Deixei Luana sair porque não achei que faria diferença insistir mais, e eu entendia. Desde que que comecei a rir quando fiquei nervosa, estava me sentindo o ser humano mais horrível da face da terra, e o pior é que, devido ao nosso histórico, ela jamais acreditaria se eu dissesse sobre estar tendo uma crise. Passei a mão por meu rosto, frustrada, e comecei a me preparar para ir embora. Odiava sentir que tinha errado em alguma coisa, sempre odiei. Fazia parte de mim a necessidade de ser confiável, de que as pessoas me escutassem e entendessem o meu lado da história, o que era bastante irônico, já que Luana tinha me acusado de não fazer o mesmo por ela.

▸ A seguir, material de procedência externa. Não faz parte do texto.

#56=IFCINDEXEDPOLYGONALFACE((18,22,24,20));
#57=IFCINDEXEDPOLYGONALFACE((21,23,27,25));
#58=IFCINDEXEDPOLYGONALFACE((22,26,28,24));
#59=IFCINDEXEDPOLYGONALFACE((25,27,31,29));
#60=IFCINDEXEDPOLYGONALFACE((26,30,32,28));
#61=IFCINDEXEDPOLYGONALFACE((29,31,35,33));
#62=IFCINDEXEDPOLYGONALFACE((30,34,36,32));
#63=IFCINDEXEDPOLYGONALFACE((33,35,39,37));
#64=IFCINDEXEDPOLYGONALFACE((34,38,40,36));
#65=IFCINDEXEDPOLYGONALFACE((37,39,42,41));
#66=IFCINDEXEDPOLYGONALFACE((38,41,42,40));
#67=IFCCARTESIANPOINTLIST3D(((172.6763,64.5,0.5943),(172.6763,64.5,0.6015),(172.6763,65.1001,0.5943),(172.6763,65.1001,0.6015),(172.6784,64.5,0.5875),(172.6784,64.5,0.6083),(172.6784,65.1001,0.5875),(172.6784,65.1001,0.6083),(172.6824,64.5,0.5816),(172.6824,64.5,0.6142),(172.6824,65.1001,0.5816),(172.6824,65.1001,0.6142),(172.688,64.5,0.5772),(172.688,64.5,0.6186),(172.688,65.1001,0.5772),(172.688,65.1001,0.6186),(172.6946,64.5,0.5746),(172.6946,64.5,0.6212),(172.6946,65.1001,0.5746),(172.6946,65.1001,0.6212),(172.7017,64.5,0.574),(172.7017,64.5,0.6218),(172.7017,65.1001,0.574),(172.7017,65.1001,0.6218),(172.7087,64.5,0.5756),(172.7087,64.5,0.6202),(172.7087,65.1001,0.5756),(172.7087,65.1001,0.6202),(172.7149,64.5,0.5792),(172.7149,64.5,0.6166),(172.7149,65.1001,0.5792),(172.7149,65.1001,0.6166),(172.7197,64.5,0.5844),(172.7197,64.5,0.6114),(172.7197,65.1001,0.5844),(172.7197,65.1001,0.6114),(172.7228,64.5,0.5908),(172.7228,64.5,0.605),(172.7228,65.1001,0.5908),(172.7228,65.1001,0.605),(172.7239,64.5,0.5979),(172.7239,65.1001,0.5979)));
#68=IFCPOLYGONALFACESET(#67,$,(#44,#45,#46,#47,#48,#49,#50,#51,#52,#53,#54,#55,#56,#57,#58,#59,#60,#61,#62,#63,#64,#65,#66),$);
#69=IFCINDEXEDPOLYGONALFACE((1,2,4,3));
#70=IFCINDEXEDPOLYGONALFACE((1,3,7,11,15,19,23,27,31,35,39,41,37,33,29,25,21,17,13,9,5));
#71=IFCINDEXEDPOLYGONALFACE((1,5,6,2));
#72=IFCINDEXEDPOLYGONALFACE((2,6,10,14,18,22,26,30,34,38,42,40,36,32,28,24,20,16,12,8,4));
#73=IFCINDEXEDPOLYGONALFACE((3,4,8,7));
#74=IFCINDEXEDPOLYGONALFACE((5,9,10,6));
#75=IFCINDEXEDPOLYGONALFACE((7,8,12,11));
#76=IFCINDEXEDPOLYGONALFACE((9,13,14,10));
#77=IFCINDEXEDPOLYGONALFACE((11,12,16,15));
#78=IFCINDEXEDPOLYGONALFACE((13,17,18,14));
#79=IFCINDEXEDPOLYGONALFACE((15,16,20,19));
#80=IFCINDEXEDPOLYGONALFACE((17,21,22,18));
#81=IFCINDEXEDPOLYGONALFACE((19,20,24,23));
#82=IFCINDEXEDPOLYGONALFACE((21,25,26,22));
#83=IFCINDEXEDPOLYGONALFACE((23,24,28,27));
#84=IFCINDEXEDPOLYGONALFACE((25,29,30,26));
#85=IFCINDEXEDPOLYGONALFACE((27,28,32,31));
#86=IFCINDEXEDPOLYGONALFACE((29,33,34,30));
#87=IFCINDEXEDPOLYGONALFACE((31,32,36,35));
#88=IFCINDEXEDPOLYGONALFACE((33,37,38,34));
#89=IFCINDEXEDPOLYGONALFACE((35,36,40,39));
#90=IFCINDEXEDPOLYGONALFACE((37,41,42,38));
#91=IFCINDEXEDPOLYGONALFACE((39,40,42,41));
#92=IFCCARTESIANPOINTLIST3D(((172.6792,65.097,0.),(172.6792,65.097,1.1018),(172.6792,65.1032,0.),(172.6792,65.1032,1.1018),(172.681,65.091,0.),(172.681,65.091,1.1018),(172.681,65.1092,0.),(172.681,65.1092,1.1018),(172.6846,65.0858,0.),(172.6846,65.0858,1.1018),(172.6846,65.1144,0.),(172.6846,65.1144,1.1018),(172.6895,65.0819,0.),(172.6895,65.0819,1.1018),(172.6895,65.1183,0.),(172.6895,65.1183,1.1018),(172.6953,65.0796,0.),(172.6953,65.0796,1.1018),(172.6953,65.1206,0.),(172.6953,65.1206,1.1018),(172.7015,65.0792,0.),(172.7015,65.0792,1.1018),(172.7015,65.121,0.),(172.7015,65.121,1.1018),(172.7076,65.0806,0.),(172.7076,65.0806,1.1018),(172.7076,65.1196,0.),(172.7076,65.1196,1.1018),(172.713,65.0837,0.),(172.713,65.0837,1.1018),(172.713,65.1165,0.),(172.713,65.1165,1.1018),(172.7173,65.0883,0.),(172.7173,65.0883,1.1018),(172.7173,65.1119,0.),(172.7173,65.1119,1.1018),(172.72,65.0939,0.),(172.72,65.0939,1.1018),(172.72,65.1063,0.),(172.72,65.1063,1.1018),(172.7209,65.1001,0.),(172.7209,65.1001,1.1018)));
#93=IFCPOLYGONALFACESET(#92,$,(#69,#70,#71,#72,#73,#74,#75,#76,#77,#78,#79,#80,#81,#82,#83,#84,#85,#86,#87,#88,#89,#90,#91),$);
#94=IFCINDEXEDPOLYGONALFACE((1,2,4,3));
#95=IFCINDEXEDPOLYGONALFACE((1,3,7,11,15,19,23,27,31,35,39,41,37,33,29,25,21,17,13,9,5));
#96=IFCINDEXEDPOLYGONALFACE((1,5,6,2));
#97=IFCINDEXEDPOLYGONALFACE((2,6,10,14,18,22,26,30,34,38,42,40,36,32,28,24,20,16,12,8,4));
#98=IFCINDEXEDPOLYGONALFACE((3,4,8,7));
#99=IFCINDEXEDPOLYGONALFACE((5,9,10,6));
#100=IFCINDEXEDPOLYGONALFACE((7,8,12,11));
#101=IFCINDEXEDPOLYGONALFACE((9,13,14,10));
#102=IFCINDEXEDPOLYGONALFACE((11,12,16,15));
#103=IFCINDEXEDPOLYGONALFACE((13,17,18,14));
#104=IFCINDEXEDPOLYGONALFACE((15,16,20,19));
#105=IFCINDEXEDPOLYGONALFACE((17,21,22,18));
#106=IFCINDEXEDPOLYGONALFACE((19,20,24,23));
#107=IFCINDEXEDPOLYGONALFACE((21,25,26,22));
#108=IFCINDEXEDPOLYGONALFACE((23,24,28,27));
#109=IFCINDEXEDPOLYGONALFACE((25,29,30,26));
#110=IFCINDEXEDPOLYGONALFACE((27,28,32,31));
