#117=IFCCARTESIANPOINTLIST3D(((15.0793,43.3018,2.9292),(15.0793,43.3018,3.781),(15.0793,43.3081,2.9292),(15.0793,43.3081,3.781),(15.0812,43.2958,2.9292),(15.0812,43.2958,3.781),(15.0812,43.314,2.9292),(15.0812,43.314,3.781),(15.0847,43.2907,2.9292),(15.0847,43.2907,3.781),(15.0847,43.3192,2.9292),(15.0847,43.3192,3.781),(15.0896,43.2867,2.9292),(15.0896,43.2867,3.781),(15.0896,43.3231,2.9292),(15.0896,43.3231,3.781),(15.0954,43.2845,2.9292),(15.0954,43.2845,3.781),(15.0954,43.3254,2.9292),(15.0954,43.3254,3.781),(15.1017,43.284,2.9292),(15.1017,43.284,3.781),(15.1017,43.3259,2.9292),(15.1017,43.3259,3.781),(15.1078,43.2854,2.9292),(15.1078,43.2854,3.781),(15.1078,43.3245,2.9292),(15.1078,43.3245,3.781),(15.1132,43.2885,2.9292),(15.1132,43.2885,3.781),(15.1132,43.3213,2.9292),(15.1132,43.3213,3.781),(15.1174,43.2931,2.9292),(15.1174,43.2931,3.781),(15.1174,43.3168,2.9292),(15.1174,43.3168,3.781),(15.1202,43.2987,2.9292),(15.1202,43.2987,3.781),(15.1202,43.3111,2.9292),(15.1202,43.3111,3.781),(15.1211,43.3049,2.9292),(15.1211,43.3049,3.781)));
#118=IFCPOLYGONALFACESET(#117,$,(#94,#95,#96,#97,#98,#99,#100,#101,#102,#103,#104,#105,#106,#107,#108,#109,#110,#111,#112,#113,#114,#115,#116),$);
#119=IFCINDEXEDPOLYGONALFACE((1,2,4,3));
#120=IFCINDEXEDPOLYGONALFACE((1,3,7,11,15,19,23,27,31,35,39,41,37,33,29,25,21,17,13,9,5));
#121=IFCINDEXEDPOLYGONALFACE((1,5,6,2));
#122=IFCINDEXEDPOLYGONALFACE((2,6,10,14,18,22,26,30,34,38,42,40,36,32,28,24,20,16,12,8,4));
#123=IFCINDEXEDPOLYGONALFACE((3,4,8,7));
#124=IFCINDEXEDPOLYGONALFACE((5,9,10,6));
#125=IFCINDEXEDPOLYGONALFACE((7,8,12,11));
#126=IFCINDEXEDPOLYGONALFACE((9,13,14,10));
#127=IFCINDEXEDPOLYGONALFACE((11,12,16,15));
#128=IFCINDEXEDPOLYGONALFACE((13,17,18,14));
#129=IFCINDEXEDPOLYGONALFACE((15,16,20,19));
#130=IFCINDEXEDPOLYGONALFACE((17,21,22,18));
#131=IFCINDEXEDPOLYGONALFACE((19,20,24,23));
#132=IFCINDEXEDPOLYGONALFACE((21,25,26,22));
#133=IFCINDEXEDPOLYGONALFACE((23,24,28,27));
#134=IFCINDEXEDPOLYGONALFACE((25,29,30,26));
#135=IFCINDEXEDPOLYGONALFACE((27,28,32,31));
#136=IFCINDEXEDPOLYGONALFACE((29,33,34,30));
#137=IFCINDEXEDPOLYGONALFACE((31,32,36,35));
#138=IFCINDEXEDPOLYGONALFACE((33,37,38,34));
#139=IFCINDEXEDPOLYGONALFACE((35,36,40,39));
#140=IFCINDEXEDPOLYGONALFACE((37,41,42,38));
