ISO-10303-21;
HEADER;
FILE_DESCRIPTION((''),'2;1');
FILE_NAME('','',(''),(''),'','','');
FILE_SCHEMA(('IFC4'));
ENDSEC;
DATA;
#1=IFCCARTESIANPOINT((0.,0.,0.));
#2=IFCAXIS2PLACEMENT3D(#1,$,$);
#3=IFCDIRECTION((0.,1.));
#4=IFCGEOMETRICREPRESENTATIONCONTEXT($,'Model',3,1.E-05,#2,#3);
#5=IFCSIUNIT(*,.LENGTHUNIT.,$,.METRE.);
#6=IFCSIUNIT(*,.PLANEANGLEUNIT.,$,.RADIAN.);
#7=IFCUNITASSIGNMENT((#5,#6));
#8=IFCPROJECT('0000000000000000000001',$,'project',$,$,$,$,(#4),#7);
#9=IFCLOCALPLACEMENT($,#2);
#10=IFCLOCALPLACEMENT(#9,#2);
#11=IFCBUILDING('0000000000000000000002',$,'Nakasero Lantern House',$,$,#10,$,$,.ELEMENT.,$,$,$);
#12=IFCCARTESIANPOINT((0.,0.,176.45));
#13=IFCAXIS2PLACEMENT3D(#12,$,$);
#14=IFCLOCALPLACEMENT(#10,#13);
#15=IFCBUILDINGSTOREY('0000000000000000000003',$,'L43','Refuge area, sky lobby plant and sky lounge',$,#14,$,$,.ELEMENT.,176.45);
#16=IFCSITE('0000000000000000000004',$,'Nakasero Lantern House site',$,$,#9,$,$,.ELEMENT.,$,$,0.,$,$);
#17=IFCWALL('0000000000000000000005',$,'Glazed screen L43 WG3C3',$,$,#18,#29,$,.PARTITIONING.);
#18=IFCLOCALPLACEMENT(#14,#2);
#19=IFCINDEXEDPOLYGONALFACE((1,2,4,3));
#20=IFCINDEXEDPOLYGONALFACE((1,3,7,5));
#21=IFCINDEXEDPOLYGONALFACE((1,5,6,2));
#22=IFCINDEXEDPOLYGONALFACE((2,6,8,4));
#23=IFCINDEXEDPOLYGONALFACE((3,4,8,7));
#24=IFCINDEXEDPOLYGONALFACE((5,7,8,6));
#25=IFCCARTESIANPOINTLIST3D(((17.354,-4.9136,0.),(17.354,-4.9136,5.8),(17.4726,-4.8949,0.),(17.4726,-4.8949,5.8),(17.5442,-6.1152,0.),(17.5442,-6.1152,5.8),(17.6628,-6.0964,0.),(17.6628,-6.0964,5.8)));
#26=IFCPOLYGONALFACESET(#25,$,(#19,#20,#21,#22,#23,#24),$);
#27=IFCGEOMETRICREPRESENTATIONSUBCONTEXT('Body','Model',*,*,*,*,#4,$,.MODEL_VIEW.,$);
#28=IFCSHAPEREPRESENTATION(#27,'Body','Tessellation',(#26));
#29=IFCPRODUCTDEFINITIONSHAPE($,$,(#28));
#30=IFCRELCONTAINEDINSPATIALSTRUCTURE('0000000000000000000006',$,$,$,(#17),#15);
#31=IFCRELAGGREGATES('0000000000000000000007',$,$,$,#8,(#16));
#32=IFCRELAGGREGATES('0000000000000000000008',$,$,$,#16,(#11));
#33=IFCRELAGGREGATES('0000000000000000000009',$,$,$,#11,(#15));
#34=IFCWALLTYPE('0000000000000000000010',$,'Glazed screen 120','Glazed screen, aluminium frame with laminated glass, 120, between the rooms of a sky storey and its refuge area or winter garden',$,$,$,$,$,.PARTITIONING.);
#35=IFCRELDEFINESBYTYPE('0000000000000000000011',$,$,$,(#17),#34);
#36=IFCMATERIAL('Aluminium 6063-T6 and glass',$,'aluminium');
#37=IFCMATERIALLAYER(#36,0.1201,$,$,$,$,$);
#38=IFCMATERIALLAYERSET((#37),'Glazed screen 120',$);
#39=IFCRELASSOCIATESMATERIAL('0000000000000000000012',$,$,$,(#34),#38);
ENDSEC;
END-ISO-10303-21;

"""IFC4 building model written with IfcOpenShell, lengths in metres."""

from ifc_helpers import new_model, si_unit, direction, frame, frame_2d, origin, place, context, subcontext, project, spatial, rectangle, extrude, material, layer, layer_set, type_object, element, save


model = new_model("IFC4")

# Units and contexts
model_context = context("Model", 3, precision=1e-05, world=origin(), true_north=direction((0.0, 1.0)))
body_context = subcontext(model_context, "Body", "Model", "MODEL_VIEW")
ifc_project = project(units=[si_unit("LENGTHUNIT", "METRE"), si_unit("PLANEANGLEUNIT", "RADIAN")], contexts=[model_context])

# Site, building, storey
site_placement = place(None, origin())
site = spatial("IfcSite", under=ifc_project, at=site_placement, Name="Nakasero Lantern House site", CompositionType="ELEMENT", RefElevation=0.0)
building_placement = place(site_placement, origin())
building = spatial("IfcBuilding", under=site, at=building_placement, Name="Nakasero Lantern House", CompositionType="ELEMENT")
storey_placement = place(building_placement, frame((0.0, 0.0, 176.45)))
storey = spatial("IfcBuildingStorey", under=building, at=storey_placement, Name="L43", Description="Refuge area, sky lobby plant and sky lounge", CompositionType="ELEMENT", Elevation=176.45)

# Shared definitions
ifc_material_1 = material(Name="Aluminium 6063-T6 and glass", Category="aluminium")
ifc_layer_1 = layer(ifc_material_1, 0.1201)
ifc_layer_set_1 = layer_set([ifc_layer_1], Name="Glazed screen 120")
wall_type_1 = type_object("IfcWallType", Name="Glazed screen 120", Description="Glazed screen, aluminium frame with laminated glass, 120, between the rooms of a sky storey and its refuge area or winter garden", PredefinedType="PARTITIONING", material=ifc_layer_set_1)

# Wall
wall_1_placement = place(storey_placement, frame((17.6035, -6.106, 0.0), z_axis=(0.0, 0.0, 1.0), x_axis=(-0.156323, 0.987706, 0.0)))
element("IfcWall", 1, at=wall_1_placement, inside=storey, type_object=wall_type_1, Name="Glazed screen L43 WG3C3", PredefinedType="PARTITIONING", context=body_context, shape_type="SweptSolid", body=[
    extrude(rectangle(XDim=1.2166, YDim=0.1201, at=frame_2d((0.6084, 0.0))), origin(), (0.0, 0.0, 1.0), 5.8),
])

save(model, "model.ifc")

Pensei várias vezes nos prós e contras de contar o que estava acontecendo a Leandra. Mesmo sendo minha assessora, nós tínhamos uma relação de amizade a anos, e eu sabia que ela viria cheia de opiniões que me fariam querer arrancar os cabelos. Mas ou eu falava com ela, ou eu falaria com Cris, que era uma adolescente cheia de hormônios e vendo finais felizes em tudo. Passei por Luana que esperava seu carro no estacionamento, e tive vontade de oferecer carona, mas a última vez que estivemos sozinhas em um carro, tinha dado início aquela bagunça toda. Meu Senhor, onde é que eu fui me meter? Disquei o número da minha assessora, colocando o celular no viva voz.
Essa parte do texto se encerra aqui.